Peradam is a fine art printing and high-resolution scanning service run by printing and digital imaging technician, Jennifer Kyte.

I started printing at art school, first in the darkroom and then in the digital suite. My first job after graduating was at Scott Polar Research Institute at Cambridge University, digitising their collection of polar photography.

In 2015 I moved to Frome to set up Mount Art Services with my partner, Simon. We spent seven years framing and printing for local and national galleries, artists and collectors. In 2022 we closed-up shop to help Tara & Michael Greenwold form Mount Collective, an online wall-art gallery specialising in hand-framed reproduction prints sourced from archives and private collections. After Mount Collective launched, Simon and I took a step back from directorship to focus on our own projects, Peradam being one of mine.

I’m based at the Silk Mill in Frome. Peradam exists as part of a wider creative practice. It’s small, independent and constantly evolving.

Sustainability

I grew up in rural Dorset, surrounded by nature. My earliest memories are playing in leafy dens, listening to birdsong, and hiding in knee-high flower meadows. I want future generations to experience the same wonder of nature that I did as a child. That can only happen if we work hard now to protect what we have.
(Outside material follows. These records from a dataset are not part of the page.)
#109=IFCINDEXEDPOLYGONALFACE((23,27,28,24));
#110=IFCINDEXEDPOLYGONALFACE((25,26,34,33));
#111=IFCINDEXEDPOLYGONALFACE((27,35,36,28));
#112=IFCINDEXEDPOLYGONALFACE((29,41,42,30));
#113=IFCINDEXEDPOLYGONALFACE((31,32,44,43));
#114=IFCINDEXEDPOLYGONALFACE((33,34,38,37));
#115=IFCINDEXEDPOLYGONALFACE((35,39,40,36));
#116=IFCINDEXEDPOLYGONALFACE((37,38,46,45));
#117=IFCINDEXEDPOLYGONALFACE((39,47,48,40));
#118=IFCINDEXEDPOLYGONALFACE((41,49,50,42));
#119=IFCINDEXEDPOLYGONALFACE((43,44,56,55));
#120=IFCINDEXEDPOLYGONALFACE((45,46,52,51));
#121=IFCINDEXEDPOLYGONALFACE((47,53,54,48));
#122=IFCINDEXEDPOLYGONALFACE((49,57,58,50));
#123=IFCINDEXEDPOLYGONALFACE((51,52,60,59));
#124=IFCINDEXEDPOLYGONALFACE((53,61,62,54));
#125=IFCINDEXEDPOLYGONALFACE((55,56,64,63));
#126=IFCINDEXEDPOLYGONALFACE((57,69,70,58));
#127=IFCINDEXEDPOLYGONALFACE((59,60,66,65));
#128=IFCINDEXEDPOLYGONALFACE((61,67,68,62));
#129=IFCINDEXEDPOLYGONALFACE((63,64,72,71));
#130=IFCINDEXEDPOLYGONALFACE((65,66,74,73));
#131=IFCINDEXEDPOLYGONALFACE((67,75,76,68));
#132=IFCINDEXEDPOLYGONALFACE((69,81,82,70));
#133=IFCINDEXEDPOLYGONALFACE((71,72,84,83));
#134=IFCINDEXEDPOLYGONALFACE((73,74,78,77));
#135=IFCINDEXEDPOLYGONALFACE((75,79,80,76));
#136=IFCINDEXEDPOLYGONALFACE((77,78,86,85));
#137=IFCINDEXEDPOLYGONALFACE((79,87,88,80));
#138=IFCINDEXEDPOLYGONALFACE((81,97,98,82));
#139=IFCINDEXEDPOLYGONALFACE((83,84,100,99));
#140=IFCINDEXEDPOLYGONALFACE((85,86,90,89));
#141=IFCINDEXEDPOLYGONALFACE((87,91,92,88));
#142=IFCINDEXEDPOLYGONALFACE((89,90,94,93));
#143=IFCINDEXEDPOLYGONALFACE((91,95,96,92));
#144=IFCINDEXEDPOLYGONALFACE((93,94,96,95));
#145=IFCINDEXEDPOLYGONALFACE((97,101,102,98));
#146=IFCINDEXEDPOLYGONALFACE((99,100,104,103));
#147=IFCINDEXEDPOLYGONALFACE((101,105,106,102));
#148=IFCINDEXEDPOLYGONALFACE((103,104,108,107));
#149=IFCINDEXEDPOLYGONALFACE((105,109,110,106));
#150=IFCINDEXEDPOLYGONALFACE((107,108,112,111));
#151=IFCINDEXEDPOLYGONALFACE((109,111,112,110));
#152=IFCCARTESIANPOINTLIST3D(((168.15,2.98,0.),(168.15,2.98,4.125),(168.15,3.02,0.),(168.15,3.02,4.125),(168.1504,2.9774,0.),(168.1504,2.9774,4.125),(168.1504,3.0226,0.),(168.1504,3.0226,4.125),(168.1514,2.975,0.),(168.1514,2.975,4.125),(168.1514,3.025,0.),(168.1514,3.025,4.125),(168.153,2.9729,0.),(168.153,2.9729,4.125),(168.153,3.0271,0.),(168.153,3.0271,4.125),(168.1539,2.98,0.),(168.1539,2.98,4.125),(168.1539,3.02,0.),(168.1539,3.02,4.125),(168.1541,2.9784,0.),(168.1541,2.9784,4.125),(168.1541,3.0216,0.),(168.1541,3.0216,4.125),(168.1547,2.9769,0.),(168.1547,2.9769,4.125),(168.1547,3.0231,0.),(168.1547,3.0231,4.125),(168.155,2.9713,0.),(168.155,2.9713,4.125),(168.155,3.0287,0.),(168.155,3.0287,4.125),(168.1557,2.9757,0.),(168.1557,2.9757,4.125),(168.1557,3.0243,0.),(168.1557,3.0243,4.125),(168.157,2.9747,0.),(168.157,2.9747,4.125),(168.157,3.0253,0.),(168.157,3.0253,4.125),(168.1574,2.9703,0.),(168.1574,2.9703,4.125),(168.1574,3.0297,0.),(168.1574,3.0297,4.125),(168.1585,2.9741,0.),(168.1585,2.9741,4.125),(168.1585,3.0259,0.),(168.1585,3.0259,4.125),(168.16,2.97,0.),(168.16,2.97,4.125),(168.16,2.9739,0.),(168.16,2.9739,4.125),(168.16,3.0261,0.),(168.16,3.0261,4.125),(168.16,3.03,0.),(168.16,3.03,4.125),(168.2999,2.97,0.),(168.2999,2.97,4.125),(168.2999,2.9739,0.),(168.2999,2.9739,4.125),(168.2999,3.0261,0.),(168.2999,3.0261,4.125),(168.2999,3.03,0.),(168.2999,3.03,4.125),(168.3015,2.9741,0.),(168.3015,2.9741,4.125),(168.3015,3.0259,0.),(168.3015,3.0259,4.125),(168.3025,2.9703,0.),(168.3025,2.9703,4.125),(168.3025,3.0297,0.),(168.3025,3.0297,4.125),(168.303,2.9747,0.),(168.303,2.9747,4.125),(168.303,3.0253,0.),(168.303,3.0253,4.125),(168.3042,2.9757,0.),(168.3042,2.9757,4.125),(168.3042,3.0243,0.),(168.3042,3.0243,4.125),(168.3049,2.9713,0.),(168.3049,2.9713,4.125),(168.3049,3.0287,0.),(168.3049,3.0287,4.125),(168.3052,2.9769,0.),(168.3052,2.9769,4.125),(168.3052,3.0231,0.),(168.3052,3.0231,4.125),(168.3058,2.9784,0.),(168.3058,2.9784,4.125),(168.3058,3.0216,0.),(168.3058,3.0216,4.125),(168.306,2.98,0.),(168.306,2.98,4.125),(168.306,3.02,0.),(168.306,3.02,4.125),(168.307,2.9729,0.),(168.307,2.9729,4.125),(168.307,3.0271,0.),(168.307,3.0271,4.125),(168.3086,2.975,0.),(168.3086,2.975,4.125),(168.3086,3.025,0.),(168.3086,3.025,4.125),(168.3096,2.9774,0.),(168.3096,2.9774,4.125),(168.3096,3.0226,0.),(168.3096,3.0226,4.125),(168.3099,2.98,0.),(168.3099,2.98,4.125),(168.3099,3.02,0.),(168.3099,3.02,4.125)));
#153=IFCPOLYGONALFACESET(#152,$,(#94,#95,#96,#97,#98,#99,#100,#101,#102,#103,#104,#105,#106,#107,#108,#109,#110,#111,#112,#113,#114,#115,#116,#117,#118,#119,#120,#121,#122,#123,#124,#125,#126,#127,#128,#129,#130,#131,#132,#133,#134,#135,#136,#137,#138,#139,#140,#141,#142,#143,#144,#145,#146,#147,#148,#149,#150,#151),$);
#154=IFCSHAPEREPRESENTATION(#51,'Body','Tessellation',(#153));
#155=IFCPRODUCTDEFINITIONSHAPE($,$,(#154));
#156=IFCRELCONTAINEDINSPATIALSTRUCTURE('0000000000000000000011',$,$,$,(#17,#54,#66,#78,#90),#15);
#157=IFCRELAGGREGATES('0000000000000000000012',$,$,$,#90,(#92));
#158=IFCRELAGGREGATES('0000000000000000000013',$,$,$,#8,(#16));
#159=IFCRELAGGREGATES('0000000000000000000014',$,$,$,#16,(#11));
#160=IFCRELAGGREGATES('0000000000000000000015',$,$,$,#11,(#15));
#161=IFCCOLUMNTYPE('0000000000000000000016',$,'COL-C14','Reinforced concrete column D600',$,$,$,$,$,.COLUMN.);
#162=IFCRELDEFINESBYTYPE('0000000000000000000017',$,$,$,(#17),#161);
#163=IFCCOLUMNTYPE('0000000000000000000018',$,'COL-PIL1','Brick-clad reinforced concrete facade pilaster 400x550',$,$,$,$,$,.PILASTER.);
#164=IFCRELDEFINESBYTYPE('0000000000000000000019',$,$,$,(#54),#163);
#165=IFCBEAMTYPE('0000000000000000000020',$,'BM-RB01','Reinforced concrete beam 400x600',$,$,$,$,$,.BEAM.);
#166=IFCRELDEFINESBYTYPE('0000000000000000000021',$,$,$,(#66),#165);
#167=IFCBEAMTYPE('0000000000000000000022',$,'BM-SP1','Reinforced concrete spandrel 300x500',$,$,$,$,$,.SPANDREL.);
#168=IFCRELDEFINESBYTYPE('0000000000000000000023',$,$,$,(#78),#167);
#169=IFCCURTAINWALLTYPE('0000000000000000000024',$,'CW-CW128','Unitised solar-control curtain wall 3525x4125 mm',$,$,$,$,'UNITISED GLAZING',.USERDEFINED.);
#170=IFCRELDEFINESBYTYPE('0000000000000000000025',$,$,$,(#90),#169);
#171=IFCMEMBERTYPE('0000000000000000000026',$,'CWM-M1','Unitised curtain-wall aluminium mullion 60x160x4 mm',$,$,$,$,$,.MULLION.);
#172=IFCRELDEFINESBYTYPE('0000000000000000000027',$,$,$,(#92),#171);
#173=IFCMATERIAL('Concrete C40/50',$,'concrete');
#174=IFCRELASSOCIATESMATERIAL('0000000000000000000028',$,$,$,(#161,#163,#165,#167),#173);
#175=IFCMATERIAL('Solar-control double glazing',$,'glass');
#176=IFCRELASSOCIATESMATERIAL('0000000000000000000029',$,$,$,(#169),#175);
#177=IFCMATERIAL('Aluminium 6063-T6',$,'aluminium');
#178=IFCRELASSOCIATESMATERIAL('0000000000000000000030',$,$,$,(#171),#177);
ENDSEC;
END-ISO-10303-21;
Giclee printing is an archival process, creating prints that are lightfast and designed to last for decades, even centuries when cared for properly. The prints that I make are not meant as throwaway consumables, they are works of art that contribute to our visual culture.
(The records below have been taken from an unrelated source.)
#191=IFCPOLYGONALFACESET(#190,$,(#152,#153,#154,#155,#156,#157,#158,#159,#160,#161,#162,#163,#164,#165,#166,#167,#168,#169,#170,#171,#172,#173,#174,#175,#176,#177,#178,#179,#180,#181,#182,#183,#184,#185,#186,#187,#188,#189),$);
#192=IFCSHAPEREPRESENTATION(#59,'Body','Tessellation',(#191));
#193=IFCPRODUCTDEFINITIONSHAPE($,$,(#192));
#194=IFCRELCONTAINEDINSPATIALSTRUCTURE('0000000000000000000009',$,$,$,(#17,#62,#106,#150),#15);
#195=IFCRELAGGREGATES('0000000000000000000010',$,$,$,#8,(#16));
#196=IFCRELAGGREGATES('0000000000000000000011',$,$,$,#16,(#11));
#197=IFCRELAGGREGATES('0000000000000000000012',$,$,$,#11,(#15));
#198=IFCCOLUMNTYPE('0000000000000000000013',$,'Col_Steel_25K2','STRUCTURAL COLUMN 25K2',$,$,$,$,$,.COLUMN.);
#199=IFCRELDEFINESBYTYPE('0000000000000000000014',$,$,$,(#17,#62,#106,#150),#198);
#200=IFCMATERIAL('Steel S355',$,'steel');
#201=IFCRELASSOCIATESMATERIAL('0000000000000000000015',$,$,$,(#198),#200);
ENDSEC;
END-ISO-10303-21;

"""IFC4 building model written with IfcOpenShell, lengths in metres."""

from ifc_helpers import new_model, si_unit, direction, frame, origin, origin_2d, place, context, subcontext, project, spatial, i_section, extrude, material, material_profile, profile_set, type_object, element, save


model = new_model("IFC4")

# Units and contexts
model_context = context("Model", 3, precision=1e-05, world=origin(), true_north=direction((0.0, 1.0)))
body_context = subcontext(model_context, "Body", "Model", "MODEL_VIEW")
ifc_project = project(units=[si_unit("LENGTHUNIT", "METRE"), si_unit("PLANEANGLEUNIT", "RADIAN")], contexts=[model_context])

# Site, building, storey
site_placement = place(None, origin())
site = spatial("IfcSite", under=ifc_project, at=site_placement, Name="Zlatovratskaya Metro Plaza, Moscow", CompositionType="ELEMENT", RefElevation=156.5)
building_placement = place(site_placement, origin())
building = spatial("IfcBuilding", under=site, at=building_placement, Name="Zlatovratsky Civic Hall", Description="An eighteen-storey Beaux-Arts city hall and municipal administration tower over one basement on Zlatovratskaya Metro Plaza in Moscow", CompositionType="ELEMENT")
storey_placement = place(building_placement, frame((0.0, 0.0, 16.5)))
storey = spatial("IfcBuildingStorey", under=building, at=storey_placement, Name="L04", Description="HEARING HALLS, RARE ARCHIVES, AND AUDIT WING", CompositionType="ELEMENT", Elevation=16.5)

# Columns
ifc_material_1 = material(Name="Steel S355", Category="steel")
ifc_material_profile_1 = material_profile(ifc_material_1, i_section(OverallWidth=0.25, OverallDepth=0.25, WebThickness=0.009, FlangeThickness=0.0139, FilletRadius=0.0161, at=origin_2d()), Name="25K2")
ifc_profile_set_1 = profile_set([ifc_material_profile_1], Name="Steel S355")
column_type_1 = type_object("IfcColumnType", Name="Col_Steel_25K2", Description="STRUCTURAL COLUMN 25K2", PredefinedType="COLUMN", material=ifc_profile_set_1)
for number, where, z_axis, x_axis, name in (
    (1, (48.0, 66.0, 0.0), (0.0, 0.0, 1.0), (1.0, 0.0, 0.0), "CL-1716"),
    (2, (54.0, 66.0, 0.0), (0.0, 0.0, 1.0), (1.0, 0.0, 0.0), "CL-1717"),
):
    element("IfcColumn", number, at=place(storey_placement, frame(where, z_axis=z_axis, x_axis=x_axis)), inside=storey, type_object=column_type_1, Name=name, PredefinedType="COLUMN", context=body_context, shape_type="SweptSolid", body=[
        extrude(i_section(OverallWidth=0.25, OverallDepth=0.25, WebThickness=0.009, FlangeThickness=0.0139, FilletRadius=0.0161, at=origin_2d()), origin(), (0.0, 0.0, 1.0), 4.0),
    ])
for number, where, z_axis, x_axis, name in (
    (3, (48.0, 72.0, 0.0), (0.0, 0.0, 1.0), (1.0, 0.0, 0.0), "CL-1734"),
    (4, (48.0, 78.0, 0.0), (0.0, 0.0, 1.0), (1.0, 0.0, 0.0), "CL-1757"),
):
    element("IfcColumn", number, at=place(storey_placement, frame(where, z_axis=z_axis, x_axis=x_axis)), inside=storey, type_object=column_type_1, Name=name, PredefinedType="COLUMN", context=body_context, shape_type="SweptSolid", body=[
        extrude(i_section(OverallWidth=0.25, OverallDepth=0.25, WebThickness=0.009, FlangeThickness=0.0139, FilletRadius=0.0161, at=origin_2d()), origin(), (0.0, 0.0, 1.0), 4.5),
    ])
I offer a range of the most environmentally friendly giclee papers available, the best two being Hahnemühle Hemp, made of 60% hemp and 40% cotton fibres, and the beautifully delicate Awagami Inbe Thin washi paper - made using hemp and mulberry fibres blended with pure mountain water.
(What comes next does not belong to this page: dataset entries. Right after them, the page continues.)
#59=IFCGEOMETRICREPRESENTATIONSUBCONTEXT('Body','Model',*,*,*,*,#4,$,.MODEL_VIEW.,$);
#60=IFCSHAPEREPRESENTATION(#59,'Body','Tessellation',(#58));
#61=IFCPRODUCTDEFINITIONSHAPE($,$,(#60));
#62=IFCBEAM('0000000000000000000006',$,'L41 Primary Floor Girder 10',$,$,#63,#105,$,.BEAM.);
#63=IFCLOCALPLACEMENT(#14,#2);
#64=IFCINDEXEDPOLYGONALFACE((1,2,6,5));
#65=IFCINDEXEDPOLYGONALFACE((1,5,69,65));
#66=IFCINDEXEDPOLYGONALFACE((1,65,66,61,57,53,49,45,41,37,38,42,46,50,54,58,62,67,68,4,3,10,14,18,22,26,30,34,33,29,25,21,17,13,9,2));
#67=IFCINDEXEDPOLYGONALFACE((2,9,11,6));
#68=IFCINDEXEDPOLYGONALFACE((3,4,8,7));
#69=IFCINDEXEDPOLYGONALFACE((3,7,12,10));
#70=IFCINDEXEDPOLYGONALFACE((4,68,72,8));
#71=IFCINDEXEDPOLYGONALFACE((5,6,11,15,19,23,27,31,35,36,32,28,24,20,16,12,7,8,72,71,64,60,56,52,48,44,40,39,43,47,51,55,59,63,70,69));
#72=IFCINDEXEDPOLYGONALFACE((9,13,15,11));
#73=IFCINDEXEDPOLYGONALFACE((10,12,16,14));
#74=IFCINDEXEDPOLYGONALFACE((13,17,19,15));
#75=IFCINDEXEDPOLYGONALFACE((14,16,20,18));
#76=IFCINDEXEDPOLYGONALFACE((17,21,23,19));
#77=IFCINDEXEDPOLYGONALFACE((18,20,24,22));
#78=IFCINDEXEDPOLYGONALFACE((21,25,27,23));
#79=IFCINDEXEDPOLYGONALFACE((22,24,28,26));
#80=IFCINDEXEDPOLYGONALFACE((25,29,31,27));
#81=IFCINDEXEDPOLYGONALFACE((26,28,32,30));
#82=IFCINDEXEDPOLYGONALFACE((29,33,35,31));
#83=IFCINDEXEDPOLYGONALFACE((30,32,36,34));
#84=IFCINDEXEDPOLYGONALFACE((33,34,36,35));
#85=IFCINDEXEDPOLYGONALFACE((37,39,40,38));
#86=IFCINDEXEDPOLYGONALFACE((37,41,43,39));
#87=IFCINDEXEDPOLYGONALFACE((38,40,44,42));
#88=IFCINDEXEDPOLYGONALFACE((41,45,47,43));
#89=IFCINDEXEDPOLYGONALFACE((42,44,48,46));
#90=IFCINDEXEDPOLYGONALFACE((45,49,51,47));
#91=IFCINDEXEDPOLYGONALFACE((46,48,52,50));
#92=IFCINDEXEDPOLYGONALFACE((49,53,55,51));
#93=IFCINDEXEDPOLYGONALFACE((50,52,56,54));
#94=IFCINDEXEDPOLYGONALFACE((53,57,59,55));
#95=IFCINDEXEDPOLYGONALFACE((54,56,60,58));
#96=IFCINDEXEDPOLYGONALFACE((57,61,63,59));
read more about these papers here

Find out more about me and my background here

 FAQs

  • Giclee printing uses pigment-based inks sprayed onto archival coated papers. Giclee prints last decades or even centuries without fading if cared for properly. The process uses 12 ink colours to reproduce artwork in as true colour as is possible.

    vs Litho or CMYK printing:

    Mass-market art prints are often made with this process because when ordered in bulk the price per print can be cheap as chips. But they’re expensive if you’re only ordering one or two.

    CMYK printing uses four colours rather than the 12 that giclee has, meaning giclee prints reproduce colour much more accurately.

    Giclee printing is high-resolution, which gives the sharpest detail, and the deepest blacks.

    CMYK prints aren’t archival, and will fade or yellow over time.

    CMYK can be a good option for greetings cards, since cards aren’t intended to last decades, and they don’t need to be as colour-accurate as art prints.

    vs C-type:

    C-type prints are chemical-based, exposing paper to light in the same process as you’d use in a traditional darkroom (commercial print labs have big fancy machines that can do it very efficiently these days.) The tonal value of c-type is excellent, whereas giclee prints have a punchier saturation for brighter and denser colours.

    C-type has a more limited selection of papers than giclee printing, but given its excellent tonal-range, it can be a good option for photographers to go for, since that’s what the process lends itself to.

    Giclee is more archival than c-type prints, which are more sensitive to light, so will eventually fade or lose their colour accuracy.

    I don’t currently offer C-type printing.

    If you’re after CMYK printing, I have a good relationship with a printer who share my ethos. I’m happy to organise this for you.

    If you just need a boarding pass or other document printed, you're better off going to a copy shop: Postscript in Frome are an excellent choice.

  • Height and width : set to the size you want the print to be.

    Resolution: 300dpi or more.

    File type: Ideally a tiff but I can accept jpgs.

    Colour mode: RGB.

    If you want a border please make sure it’s already included.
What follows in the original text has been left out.